Changes in valence, coordination and reactivity that occur upon oxidation of fresh metal surfaces

Abstract

To promote a greater understanding of the process and nature of metal passivation, we have performed a first-principles analysis of partially oxidized Ni(111) and Ni(311) surface and ultra-thin film NiO layers on Ni(111). We have adopted a bimodal theoretical strategy that considers the oxidation process using either a fixed generalized gradient approximation (GGA) functional for the description of all atoms in the system, or a perturbation approach, that perturbs the electronic structure of various Ni atoms in contact with oxygen by application of the GGA+U technique. This strategy allows us to assess the relative merits of the two approaches, and whether or not the two approaches are at variance with one another as concerns the process of metal passivation. We consider oxygen binding in the cases of isolated atomic adsorption, the development of an oxygen monolayer, and epitaxial NiO(111) monolayers and bilayers with various terminations.
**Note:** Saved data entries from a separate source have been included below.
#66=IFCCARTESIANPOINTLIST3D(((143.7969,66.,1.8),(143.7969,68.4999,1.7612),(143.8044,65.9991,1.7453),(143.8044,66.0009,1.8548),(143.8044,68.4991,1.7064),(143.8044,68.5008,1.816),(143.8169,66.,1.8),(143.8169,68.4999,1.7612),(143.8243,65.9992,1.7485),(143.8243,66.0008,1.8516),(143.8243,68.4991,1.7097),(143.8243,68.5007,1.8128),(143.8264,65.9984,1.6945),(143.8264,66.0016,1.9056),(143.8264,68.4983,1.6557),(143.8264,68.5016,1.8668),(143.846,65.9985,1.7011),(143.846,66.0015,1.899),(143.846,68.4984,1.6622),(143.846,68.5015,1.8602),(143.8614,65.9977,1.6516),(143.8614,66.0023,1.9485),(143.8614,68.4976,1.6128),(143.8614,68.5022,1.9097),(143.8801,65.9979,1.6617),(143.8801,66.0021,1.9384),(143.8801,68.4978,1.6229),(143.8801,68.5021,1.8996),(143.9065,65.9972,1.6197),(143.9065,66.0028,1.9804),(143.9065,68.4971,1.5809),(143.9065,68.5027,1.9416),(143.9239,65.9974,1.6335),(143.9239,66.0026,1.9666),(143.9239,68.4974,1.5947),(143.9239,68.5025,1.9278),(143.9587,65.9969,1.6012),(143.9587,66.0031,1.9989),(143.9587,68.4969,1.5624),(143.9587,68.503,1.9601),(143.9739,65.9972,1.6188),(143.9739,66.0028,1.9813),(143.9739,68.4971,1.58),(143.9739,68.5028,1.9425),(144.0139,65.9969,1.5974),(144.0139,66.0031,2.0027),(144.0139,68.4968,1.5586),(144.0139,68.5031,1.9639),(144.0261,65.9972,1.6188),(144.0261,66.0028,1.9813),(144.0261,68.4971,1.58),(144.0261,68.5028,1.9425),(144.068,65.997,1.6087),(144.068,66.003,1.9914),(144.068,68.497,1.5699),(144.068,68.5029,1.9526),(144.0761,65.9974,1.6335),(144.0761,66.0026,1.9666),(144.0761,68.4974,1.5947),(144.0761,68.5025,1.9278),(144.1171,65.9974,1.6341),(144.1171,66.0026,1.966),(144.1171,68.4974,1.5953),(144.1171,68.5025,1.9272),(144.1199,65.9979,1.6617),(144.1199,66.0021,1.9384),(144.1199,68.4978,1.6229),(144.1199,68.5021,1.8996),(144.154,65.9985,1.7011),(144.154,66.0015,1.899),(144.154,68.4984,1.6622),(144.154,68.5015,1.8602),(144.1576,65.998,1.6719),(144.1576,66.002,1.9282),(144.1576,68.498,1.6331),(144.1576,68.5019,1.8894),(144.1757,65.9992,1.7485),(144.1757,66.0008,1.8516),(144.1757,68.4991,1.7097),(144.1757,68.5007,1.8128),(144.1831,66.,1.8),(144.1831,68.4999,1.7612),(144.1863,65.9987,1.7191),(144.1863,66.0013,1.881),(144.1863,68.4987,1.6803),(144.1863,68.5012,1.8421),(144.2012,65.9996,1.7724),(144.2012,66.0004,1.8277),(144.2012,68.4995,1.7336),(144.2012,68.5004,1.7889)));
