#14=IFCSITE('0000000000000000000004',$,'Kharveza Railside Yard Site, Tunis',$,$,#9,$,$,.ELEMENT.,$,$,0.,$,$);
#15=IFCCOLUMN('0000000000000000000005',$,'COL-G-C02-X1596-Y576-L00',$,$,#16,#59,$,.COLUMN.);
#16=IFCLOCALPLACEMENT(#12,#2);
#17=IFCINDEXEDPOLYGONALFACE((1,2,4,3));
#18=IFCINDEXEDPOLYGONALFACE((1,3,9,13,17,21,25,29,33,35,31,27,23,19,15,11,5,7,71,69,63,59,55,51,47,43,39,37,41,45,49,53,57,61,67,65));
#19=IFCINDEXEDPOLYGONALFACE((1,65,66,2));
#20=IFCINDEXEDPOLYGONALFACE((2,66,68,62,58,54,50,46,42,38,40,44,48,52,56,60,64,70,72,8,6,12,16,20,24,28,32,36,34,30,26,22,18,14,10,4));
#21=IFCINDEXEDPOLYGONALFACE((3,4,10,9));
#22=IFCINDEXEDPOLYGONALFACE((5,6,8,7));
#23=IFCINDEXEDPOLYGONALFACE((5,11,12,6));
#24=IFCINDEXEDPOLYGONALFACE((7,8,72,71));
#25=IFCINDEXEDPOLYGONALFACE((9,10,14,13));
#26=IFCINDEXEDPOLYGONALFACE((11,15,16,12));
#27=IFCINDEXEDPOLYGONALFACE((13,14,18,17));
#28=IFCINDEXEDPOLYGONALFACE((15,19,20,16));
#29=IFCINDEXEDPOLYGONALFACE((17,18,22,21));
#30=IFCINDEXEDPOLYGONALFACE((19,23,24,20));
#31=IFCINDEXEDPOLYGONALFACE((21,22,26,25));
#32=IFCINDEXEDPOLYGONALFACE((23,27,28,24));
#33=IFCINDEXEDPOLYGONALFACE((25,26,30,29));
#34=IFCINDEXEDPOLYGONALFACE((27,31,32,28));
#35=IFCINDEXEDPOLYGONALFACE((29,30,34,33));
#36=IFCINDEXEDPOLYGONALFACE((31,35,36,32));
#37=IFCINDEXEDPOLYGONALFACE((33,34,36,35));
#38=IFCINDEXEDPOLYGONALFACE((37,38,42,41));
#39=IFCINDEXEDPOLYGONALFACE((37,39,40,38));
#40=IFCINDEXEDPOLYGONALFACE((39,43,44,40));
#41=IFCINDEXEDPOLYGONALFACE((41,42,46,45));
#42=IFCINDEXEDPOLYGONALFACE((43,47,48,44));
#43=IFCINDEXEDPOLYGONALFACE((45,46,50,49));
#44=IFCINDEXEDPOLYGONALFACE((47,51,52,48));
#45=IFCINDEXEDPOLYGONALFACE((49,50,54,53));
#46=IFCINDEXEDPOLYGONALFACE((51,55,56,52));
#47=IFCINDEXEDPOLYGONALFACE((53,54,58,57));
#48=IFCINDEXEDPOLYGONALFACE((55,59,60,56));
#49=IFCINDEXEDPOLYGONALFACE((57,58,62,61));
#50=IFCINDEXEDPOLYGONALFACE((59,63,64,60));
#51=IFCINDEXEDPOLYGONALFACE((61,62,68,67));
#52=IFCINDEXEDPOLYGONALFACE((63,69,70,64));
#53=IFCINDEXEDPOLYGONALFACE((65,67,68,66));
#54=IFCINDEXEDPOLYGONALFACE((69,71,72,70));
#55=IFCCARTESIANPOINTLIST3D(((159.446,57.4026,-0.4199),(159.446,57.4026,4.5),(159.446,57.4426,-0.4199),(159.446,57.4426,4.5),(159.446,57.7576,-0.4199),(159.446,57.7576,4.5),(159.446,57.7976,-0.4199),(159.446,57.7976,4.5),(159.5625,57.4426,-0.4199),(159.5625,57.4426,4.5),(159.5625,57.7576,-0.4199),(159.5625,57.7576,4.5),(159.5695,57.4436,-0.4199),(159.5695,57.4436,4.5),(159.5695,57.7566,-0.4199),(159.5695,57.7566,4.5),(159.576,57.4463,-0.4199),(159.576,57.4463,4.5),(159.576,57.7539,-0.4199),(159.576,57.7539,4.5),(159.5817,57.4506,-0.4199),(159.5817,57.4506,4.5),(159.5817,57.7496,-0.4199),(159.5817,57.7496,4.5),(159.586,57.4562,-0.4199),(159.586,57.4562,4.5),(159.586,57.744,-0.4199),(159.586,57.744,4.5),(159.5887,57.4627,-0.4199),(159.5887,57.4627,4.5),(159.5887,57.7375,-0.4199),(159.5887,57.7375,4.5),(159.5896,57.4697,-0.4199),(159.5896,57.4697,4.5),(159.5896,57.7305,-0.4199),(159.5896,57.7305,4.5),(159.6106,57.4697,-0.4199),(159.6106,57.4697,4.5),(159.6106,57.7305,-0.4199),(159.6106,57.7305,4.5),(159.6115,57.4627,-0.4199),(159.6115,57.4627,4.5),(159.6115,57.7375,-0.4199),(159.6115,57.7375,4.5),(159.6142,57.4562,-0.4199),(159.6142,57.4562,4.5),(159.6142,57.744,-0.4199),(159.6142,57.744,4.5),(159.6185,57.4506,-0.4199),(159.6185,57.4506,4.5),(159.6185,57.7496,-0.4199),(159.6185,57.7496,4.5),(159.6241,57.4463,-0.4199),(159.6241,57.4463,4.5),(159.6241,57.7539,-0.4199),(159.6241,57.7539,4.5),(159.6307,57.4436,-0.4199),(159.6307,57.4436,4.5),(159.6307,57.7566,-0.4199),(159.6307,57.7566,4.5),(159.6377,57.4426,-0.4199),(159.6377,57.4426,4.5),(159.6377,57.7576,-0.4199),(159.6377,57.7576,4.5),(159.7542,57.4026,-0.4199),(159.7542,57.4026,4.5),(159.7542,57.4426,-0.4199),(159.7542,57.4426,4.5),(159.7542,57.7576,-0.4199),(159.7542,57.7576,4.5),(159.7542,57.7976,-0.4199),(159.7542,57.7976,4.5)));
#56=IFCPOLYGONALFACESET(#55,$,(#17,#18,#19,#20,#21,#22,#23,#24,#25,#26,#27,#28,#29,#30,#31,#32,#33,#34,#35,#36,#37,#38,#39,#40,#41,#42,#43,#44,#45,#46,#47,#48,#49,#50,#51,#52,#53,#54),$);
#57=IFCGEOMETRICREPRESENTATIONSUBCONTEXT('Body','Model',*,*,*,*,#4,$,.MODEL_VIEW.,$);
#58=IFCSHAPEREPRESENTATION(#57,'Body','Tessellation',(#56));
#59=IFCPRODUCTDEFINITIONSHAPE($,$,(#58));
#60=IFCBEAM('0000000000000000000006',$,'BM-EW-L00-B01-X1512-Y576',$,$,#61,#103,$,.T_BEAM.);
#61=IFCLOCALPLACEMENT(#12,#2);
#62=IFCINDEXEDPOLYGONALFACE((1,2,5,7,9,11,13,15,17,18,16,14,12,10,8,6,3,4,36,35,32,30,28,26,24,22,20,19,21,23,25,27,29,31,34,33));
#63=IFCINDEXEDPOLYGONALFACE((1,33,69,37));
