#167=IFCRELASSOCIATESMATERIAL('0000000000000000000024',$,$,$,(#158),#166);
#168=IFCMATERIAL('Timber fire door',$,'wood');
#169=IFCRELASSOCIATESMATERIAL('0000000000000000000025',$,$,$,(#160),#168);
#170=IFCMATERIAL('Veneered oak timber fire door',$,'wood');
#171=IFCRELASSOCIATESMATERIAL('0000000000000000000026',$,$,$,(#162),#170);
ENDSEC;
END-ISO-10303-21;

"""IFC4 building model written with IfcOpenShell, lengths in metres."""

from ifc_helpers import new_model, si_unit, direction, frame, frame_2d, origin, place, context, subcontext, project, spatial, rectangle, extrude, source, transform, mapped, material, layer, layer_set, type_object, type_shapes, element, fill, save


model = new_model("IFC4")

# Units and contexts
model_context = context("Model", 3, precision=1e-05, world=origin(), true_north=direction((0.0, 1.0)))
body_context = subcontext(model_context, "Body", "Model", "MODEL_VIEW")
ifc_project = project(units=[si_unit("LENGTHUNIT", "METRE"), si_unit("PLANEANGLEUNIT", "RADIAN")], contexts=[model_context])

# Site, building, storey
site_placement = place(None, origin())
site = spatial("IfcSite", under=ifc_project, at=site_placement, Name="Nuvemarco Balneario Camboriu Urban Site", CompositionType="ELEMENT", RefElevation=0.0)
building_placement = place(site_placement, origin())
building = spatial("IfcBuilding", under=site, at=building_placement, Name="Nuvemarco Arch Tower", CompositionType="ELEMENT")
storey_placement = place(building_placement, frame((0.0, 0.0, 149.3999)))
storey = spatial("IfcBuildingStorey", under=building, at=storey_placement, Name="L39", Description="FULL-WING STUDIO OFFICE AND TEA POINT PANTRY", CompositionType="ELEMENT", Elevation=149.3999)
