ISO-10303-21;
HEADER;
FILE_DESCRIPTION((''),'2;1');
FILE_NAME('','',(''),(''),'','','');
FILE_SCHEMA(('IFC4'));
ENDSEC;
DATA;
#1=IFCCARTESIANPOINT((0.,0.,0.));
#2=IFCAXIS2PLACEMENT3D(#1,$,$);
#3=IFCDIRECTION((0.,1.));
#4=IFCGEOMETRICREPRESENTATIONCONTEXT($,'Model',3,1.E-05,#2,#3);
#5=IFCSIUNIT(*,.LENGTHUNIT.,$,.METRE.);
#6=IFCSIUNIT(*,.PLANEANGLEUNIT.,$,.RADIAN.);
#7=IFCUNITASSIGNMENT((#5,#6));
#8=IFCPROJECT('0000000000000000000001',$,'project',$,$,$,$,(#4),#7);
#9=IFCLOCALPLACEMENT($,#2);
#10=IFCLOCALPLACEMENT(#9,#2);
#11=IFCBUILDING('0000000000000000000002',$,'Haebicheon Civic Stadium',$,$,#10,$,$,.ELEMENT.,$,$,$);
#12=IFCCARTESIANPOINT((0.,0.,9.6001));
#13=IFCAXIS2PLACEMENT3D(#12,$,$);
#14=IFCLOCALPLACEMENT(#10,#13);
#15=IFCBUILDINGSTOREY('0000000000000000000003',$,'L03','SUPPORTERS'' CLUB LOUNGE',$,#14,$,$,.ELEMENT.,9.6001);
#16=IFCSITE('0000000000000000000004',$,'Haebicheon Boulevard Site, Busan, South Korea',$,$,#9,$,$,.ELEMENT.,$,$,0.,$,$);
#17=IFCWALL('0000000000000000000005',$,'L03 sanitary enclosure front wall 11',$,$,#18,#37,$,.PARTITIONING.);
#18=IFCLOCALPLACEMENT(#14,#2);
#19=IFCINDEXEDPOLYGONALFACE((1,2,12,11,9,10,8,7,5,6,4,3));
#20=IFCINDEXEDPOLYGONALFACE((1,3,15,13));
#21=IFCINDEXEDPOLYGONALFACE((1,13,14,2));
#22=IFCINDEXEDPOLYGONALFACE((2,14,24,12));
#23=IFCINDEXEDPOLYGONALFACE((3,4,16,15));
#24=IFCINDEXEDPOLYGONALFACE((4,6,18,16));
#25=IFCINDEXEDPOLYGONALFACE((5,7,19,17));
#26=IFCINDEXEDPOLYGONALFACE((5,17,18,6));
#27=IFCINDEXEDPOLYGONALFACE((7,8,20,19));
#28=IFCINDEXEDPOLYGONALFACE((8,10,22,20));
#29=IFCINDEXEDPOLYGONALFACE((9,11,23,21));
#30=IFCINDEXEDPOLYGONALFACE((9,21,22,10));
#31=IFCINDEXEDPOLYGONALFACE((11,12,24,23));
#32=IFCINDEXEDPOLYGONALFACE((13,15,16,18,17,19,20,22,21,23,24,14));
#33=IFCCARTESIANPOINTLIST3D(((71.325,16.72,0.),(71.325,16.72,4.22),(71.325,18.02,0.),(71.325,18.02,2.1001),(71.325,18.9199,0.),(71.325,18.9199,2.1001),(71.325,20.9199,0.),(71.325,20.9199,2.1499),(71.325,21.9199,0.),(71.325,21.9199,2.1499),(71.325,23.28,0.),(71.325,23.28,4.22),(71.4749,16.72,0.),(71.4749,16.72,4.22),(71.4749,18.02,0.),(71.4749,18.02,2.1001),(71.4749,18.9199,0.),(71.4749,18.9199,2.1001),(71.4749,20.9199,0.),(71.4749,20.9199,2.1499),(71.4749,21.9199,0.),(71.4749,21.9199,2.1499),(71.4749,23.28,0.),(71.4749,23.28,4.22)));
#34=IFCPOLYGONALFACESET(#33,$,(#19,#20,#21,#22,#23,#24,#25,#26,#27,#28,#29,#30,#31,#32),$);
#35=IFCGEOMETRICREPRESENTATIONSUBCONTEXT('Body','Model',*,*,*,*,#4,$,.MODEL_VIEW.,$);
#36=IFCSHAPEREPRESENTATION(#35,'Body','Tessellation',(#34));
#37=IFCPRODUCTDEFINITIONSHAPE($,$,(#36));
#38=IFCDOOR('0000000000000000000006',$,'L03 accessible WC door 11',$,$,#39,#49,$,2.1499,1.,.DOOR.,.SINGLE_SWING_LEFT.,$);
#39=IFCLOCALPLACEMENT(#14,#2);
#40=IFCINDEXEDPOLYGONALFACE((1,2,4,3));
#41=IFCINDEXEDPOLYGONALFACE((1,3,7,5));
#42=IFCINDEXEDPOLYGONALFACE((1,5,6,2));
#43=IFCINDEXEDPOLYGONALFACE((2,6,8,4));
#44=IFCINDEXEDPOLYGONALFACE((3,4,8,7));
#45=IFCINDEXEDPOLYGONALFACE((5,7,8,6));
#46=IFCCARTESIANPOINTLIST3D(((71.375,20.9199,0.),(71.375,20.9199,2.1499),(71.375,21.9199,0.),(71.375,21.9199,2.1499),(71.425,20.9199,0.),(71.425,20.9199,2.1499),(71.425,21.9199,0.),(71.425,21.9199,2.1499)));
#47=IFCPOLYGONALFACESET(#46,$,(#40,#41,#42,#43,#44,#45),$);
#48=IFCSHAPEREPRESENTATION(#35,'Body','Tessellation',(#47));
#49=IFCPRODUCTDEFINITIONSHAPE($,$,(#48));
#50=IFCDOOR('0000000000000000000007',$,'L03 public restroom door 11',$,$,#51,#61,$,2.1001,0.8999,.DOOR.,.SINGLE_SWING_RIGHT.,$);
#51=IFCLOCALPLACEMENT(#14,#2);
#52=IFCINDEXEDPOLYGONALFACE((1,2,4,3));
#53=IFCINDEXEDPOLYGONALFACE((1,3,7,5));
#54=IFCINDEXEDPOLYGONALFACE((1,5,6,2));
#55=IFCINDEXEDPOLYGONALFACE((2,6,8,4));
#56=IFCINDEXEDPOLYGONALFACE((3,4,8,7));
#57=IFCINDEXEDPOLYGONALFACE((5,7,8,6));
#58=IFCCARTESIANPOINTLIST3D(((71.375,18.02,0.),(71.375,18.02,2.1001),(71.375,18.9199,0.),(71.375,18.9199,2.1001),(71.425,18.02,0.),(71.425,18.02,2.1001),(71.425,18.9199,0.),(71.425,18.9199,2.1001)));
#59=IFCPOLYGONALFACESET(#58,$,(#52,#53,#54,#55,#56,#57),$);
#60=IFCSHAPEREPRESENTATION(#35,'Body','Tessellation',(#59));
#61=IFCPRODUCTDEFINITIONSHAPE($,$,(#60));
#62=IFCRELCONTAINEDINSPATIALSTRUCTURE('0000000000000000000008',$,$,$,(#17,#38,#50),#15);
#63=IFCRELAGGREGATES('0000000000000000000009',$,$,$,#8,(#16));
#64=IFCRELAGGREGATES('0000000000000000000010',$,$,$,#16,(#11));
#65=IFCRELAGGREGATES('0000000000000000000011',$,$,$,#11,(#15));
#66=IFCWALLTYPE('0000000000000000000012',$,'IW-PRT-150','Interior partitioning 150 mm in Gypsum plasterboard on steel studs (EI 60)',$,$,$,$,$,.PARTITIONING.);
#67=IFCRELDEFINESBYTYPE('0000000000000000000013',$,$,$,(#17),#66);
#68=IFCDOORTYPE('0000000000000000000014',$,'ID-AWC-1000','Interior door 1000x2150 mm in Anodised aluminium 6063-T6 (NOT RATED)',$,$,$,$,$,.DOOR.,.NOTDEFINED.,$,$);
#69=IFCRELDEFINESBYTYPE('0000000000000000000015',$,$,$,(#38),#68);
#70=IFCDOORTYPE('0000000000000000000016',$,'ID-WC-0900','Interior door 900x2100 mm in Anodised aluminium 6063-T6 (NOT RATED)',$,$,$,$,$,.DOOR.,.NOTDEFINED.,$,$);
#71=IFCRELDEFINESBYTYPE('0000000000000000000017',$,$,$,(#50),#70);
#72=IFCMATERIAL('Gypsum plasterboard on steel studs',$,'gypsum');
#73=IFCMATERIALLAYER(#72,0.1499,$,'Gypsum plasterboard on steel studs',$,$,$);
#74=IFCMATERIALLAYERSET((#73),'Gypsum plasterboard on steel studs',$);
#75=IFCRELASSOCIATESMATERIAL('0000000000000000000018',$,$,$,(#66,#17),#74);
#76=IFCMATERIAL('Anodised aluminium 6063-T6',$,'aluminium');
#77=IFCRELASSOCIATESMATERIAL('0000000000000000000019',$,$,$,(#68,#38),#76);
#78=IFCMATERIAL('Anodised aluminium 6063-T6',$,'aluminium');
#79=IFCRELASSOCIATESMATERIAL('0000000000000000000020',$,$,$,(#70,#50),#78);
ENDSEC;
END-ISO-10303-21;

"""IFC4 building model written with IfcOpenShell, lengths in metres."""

from ifc_helpers import new_model, si_unit, direction, frame, frame_2d, origin, place, context, subcontext, project, spatial, rectangle, extrude, material, layer, layer_set, type_object, element, fill, save


model = new_model("IFC4")

# Units and contexts
model_context = context("Model", 3, precision=1e-05, world=origin(), true_north=direction((0.0, 1.0)))
body_context = subcontext(model_context, "Body", "Model", "MODEL_VIEW")
ifc_project = project(units=[si_unit("LENGTHUNIT", "METRE"), si_unit("PLANEANGLEUNIT", "RADIAN")], contexts=[model_context])

# Site, building, storey
site_placement = place(None, origin())
site = spatial("IfcSite", under=ifc_project, at=site_placement, Name="Haebicheon Boulevard Site, Busan, South Korea", CompositionType="ELEMENT", RefElevation=0.0)
building_placement = place(site_placement, origin())
building = spatial("IfcBuilding", under=site, at=building_placement, Name="Haebicheon Civic Stadium", CompositionType="ELEMENT")
storey_placement = place(building_placement, frame((0.0, 0.0, 9.6001)))
storey = spatial("IfcBuildingStorey", under=building, at=storey_placement, Name="L03", Description="SUPPORTERS' CLUB LOUNGE", CompositionType="ELEMENT", Elevation=9.6001)

# Wall, openings, doors
ifc_material_1 = material(Name="Gypsum plasterboard on steel studs", Category="gypsum")
ifc_layer_1 = layer(ifc_material_1, 0.1499, Name="Gypsum plasterboard on steel studs")
ifc_layer_set_1 = layer_set([ifc_layer_1], Name="Gypsum plasterboard on steel studs")
wall_type_1 = type_object("IfcWallType", Name="IW-PRT-150", Description="Interior partitioning 150 mm in Gypsum plasterboard on steel studs (EI 60)", PredefinedType="PARTITIONING", material=ifc_layer_set_1)
wall_1_placement = place(storey_placement, frame((71.3999, 16.72, 0.0), z_axis=(0.0, 0.0, 1.0), x_axis=(0.0, 1.0, 0.0)))
wall_1 = element("IfcWall", 1, at=wall_1_placement, inside=storey, type_object=wall_type_1, material=ifc_layer_set_1, Name="L03 sanitary enclosure front wall 11", PredefinedType="PARTITIONING", context=body_context, shape_type="SweptSolid", body=[
    extrude(rectangle(XDim=6.5601, YDim=0.1499, at=frame_2d((3.28, 0.0))), origin(), (0.0, 0.0, 1.0), 4.22),
])
opening_1_placement = place(wall_1_placement, frame((1.3, 0.0, 0.0)))
opening_1 = element("IfcOpeningElement", 2, at=opening_1_placement, cuts=wall_1, PredefinedType="OPENING", context=body_context, shape_type="SweptSolid", body=[
    extrude(rectangle(XDim=0.8999, YDim=2.1001, at=frame_2d((0.45, 1.05))), frame((0.0, 0.085, 0.0), z_axis=(0.0, -1.0, 0.0), x_axis=(1.0, 0.0, 0.0)), (0.0, 0.0, 1.0), 0.1699),
])
opening_2_placement = place(wall_1_placement, frame((4.2, 0.0, 0.0)))
opening_2 = element("IfcOpeningElement", 3, at=opening_2_placement, cuts=wall_1, PredefinedType="OPENING", context=body_context, shape_type="SweptSolid", body=[
    extrude(rectangle(XDim=1.0, YDim=2.1499, at=frame_2d((0.5, 1.075))), frame((0.0, 0.085, 0.0), z_axis=(0.0, -1.0, 0.0), x_axis=(1.0, 0.0, 0.0)), (0.0, 0.0, 1.0), 0.1699),
])
ifc_material_2 = material(Name="Anodised aluminium 6063-T6", Category="aluminium")
door_type_1 = type_object("IfcDoorType", Name="ID-AWC-1000", Description="Interior door 1000x2150 mm in Anodised aluminium 6063-T6 (NOT RATED)", OperationType="NOTDEFINED", PredefinedType="DOOR", material=ifc_material_2)
door_1_placement = place(opening_2_placement, origin())
door_1 = element("IfcDoor", 4, at=door_1_placement, inside=storey, type_object=door_type_1, material=ifc_material_2, Name="L03 accessible WC door 11", OperationType="SINGLE_SWING_LEFT", OverallHeight=2.1499, OverallWidth=1.0, PredefinedType="DOOR", context=body_context, shape_type="SweptSolid", body=[
    extrude(rectangle(XDim=1.0, YDim=2.1499, at=frame_2d((0.5, 1.075))), frame((0.0, 0.0249, 0.0), z_axis=(0.0, -1.0, 0.0), x_axis=(1.0, 0.0, 0.0)), (0.0, 0.0, 1.0), 0.05),
])
fill(opening_2, door_1)
ifc_material_3 = material(Name="Anodised aluminium 6063-T6", Category="aluminium")
door_type_2 = type_object("IfcDoorType", Name="ID-WC-0900", Description="Interior door 900x2100 mm in Anodised aluminium 6063-T6 (NOT RATED)", OperationType="NOTDEFINED", PredefinedType="DOOR", material=ifc_material_3)
door_2_placement = place(opening_1_placement, origin())
door_2 = element("IfcDoor", 5, at=door_2_placement, inside=storey, type_object=door_type_2, material=ifc_material_3, Name="L03 public restroom door 11", OperationType="SINGLE_SWING_RIGHT", OverallHeight=2.1001, OverallWidth=0.8999, PredefinedType="DOOR", context=body_context, shape_type="SweptSolid", body=[
    extrude(rectangle(XDim=0.8999, YDim=2.1001, at=frame_2d((0.45, 1.05))), frame((0.0, 0.0249, 0.0), z_axis=(0.0, -1.0, 0.0), x_axis=(1.0, 0.0, 0.0)), (0.0, 0.0, 1.0), 0.05),
])
fill(opening_1, door_2)

save(model, "model.ifc")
Selective application of GGA+U drives structural and charge-transfer processes at the interface, in particular, the octopolar reconstruction of high oxygen coverage pre-passive systems, which, in fact, template an epitaxial NiO(111)-oriented film. These outputs are observable through the development of cationic states in the nickel atoms at the interface, the emergence of a band gap in the projected density of states and in oxygen binding energies that approach the energy of oxide formation.